# Garantie knapp ausgelaufen...Kulanz möglich?



## chill_eule (14. August 2022)

Moin @be quiet! Support 

Ich versuch es erstmal hier über den "kurzen Dienstweg" 

Ich habe am 27.06.2019 ein Dark Base 700 bei Mindfactory bestellt, Rechnugsdatum ist der 28.06.2019.

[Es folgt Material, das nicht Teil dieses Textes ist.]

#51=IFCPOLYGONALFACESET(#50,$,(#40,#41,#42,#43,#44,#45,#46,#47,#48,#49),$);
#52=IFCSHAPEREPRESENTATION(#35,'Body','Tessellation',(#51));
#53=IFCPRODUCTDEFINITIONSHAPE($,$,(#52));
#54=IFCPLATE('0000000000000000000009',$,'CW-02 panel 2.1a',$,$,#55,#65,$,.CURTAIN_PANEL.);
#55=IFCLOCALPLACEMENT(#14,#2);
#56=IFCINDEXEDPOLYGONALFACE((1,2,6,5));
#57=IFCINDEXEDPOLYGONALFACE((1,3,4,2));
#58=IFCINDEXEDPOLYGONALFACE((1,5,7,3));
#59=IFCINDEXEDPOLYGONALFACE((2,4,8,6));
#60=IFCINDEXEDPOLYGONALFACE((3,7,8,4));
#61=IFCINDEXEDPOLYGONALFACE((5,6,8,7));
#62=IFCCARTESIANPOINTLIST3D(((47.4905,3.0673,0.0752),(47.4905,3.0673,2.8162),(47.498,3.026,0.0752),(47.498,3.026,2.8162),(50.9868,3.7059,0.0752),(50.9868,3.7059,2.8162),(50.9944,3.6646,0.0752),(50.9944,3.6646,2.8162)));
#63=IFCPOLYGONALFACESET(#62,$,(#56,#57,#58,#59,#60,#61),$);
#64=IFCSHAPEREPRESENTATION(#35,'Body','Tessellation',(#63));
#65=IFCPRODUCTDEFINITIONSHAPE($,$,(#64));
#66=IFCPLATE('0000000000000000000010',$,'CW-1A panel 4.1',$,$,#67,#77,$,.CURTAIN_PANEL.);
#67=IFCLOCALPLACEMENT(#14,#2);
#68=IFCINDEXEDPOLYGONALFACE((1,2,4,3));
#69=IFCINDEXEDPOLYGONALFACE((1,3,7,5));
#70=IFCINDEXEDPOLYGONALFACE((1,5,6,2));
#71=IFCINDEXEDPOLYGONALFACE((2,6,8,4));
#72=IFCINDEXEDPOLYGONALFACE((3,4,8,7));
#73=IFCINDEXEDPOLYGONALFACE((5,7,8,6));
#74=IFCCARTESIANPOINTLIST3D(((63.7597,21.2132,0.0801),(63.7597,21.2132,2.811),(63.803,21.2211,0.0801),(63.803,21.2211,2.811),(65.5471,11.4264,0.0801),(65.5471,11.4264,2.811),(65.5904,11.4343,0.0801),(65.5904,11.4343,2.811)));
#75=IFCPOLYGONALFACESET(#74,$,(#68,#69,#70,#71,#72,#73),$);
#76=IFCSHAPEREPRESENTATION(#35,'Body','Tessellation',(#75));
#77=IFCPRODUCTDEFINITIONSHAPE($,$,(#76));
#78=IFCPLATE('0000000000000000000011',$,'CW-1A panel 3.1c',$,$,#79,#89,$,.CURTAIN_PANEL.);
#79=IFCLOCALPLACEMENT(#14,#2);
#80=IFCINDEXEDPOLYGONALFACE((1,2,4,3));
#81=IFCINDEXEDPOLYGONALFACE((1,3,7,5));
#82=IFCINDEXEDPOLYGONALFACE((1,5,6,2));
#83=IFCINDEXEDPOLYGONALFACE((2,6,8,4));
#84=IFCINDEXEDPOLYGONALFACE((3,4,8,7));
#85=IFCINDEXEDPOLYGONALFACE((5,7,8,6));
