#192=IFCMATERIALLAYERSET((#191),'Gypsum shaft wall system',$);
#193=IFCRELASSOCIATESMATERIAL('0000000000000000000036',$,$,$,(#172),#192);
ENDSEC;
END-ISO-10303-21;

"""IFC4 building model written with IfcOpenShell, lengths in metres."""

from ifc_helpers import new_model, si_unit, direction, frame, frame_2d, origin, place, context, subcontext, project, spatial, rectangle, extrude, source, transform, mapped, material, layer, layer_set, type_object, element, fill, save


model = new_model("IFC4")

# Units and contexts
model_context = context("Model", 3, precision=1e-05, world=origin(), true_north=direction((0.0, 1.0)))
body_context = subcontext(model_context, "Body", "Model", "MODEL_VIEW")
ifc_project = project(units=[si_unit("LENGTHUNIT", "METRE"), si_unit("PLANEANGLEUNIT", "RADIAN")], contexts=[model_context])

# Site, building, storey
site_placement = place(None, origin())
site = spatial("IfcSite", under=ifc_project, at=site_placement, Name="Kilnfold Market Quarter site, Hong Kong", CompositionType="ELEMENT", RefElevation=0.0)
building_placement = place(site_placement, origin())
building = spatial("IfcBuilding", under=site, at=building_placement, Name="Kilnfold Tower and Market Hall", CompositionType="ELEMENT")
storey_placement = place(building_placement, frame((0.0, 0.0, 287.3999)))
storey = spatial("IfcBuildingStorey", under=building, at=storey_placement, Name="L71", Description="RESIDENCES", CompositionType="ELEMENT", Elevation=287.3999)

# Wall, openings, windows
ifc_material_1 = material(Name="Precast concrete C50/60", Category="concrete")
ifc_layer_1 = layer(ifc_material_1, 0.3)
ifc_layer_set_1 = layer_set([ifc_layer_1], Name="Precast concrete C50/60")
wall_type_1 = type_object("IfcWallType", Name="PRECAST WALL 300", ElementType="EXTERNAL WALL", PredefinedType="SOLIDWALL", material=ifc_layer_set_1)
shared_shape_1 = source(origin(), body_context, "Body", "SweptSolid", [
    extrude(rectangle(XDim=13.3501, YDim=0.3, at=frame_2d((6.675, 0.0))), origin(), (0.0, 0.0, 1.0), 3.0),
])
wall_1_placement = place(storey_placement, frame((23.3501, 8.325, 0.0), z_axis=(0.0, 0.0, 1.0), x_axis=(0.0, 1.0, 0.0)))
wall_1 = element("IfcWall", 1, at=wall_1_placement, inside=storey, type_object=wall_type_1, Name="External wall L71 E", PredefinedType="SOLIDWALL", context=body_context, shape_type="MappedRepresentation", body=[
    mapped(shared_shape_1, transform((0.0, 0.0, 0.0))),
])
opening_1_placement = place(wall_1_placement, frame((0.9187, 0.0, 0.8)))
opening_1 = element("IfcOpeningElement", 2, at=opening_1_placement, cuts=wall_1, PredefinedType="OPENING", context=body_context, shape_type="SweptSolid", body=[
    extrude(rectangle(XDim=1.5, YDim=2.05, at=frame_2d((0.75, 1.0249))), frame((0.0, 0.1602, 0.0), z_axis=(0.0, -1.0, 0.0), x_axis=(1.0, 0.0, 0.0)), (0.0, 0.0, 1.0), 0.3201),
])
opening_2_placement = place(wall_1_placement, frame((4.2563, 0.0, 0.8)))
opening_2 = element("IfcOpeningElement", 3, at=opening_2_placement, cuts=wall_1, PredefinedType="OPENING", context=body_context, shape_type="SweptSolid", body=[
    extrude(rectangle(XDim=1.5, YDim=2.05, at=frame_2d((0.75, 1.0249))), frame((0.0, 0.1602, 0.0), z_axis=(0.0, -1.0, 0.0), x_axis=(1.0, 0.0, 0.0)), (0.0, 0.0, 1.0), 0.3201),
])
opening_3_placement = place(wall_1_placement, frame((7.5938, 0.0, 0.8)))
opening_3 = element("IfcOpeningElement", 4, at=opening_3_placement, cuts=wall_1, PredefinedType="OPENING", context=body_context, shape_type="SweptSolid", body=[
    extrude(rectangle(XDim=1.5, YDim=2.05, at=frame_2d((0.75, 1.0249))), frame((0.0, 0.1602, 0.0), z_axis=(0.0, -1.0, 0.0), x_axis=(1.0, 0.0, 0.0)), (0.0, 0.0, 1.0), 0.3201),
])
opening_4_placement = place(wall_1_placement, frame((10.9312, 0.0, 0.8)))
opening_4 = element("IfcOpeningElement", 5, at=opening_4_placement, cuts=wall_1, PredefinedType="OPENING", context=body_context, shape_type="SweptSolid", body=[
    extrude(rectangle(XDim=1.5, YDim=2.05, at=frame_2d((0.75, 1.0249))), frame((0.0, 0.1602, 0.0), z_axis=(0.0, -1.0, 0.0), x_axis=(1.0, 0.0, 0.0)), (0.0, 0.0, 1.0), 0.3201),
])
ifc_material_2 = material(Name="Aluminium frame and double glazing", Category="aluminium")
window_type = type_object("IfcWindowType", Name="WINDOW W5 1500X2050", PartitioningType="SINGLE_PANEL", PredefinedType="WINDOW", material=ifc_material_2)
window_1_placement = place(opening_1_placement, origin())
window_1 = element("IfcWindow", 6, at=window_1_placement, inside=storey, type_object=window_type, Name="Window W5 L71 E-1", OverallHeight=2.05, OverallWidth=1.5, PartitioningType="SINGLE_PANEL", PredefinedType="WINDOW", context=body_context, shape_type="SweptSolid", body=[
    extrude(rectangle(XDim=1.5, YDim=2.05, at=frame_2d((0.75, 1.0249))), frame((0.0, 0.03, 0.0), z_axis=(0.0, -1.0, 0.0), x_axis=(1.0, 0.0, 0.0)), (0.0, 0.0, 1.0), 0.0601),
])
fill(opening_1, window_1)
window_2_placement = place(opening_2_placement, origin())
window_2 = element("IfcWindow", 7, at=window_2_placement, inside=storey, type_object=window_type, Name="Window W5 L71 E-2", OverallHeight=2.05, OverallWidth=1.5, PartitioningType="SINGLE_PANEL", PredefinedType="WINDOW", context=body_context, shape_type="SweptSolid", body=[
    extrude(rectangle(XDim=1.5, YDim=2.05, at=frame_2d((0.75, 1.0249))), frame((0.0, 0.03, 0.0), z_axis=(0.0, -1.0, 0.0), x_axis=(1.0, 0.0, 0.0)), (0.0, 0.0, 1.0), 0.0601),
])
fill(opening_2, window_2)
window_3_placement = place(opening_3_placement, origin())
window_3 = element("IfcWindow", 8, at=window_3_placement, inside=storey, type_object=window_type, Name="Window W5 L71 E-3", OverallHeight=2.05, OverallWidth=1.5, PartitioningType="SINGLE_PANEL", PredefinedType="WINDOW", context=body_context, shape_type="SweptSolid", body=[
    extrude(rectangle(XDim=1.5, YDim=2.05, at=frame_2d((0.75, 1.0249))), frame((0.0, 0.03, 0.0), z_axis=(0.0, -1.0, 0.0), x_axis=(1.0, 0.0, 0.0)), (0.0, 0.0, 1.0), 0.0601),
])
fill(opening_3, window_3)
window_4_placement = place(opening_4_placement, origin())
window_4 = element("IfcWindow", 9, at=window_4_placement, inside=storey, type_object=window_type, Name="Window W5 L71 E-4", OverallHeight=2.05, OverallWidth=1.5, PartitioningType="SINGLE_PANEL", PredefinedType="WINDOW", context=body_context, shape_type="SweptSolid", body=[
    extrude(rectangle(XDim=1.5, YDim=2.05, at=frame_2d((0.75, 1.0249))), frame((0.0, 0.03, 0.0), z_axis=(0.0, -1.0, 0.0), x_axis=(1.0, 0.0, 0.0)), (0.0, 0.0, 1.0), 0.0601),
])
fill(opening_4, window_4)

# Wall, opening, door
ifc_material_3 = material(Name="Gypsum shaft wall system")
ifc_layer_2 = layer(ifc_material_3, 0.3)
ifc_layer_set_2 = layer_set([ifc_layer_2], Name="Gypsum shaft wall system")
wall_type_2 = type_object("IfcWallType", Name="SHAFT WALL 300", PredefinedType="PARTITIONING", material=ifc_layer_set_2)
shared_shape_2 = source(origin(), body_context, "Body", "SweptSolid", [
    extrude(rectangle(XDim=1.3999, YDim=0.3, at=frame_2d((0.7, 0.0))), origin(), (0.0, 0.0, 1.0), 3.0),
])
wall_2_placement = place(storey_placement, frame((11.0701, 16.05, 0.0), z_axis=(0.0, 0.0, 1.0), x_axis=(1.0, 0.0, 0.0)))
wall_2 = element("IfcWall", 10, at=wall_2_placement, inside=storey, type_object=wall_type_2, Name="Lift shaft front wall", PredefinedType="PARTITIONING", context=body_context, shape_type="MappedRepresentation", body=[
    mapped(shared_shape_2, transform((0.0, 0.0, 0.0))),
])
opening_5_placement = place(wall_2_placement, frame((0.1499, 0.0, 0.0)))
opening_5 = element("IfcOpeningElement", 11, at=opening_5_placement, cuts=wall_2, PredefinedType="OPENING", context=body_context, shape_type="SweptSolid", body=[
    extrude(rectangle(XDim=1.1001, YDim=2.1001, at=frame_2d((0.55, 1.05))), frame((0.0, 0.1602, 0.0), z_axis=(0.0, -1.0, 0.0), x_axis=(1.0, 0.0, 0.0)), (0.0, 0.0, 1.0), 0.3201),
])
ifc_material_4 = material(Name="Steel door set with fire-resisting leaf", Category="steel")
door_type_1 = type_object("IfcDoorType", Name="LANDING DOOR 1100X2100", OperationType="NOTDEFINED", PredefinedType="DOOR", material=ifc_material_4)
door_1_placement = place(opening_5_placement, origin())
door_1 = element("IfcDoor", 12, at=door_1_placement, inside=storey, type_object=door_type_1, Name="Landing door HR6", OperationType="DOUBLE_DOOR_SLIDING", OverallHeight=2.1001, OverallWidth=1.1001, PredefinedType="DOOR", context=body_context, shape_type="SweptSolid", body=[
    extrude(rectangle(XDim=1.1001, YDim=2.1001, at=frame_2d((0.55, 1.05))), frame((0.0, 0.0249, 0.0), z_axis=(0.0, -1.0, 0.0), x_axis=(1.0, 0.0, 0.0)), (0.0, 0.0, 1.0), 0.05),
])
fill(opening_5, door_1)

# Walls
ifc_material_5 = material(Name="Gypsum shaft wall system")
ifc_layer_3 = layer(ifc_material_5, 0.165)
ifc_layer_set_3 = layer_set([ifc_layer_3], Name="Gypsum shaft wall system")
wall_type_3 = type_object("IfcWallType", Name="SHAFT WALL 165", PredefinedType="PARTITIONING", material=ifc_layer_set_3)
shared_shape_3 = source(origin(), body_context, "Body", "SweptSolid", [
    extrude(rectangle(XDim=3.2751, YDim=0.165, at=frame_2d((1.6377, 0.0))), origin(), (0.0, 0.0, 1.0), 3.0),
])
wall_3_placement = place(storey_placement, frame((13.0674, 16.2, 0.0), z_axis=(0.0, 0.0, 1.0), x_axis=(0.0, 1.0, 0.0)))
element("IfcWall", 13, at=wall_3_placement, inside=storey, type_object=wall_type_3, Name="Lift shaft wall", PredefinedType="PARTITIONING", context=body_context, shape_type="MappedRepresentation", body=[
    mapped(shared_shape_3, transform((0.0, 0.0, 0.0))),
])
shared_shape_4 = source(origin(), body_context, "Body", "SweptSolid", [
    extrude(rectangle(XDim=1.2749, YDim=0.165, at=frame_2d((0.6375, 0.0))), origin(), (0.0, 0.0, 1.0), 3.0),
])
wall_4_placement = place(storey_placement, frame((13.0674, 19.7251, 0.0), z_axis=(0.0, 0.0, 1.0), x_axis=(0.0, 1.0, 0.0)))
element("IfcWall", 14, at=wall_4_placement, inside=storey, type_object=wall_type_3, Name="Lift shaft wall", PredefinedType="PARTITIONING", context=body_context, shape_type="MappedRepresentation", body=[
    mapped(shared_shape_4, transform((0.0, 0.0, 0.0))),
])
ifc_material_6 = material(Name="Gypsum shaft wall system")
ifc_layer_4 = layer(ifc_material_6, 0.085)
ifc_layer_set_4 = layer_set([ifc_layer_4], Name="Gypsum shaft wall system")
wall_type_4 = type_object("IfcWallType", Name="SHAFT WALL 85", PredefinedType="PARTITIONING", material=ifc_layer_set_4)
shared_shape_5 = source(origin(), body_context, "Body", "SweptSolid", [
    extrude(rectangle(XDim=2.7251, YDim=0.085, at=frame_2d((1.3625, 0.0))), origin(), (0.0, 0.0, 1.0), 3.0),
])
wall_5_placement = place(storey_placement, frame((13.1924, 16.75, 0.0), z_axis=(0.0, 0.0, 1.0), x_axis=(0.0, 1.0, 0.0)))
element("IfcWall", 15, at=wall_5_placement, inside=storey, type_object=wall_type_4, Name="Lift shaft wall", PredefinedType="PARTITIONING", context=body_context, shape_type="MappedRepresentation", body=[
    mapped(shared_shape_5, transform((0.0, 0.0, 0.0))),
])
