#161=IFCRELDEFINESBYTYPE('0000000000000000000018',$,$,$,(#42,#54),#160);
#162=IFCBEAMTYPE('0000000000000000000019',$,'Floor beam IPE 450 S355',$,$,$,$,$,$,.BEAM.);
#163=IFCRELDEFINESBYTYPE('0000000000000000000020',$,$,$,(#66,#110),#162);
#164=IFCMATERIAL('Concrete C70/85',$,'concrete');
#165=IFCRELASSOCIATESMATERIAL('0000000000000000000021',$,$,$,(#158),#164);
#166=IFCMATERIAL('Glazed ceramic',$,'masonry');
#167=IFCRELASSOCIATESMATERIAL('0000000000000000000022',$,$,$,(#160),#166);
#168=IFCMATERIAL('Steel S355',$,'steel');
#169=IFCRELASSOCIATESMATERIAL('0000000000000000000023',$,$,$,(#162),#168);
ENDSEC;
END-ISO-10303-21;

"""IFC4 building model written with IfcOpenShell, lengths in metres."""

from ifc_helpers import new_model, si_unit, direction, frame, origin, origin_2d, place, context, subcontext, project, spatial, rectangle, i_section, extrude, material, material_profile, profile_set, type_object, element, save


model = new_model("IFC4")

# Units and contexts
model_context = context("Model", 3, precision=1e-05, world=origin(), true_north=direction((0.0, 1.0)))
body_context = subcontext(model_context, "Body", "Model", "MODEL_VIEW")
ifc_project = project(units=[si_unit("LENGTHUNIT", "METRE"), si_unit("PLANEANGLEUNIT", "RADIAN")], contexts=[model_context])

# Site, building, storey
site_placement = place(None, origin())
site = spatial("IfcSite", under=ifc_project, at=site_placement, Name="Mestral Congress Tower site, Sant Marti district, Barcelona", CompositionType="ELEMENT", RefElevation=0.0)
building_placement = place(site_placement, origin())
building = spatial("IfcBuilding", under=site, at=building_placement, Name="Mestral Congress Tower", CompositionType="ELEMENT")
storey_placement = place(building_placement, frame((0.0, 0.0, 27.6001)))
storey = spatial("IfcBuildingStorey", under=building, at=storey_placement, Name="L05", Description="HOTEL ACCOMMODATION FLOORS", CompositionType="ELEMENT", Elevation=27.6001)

Nun ist eure Herstellergarantie leider seit knapp 8 Wochen ausgelaufen und just in diesen Tagen fängt einer der vorinstallieren Silent Wings 3 an die Grätsche zu machen.
Klingt nach einem Lagerschaden, denn je nach Drehzahl ist mal ein _schleifendes_, mal ein _quietschendes_ (wie Vogelzwitschern) Geräusch.
Die Ursache ist auch eindeutig dieser eine SW3, alle anderen Lüfter (auch die nachgekauften) habe ich im Betrieb testweise bei unterschiedlichen Drehzahlen angehalten.

Nun meine Frage:
Fallen die Lüfter überhaupt unter die Garantie?
Und da diese nun grad eben ausgelaufen ist:
Pech gehabt oder seid ihr da kulant und gewährt einen Austausch von einem SW3?

MfG

Eule

PS: Die Rechung lasse ich euch natürlich zukommen, bei Bedarf


----------



## be quiet! Support (15. August 2022)

Hi Eule,

klar, bekommen wir noch was hin.
Schick mir gerne einmal per PN deine Mailadresse dann schreib ich dir alles weitere.

VG
Marco


----------



## Mastermind83 (15. August 2022)

be quiet! Support schrieb:


> Hi Eule,
> 
> klar, bekommen wir noch was hin.
> Schick mir gerne einmal per PN deine Mailadresse dann schreib ich dir alles weitere.
> ...



Hallo bequiet Team,

Alles gute zum 20 Jährigen !!!


----------



## chill_eule (16. August 2022)

Yay!

So geht Kundenservice!

Morgen schon wird mein neuer Lüfter losgeschickt 

Danke an Be Quiet! bzw. Marco


----------



## chill_eule (18. August 2022)

Und schon ist das Paket angekommen


----------



## be quiet! Support (22. August 2022)

Perfekt. Freut mich das alles geklappt hat.

VG 
Marco


----------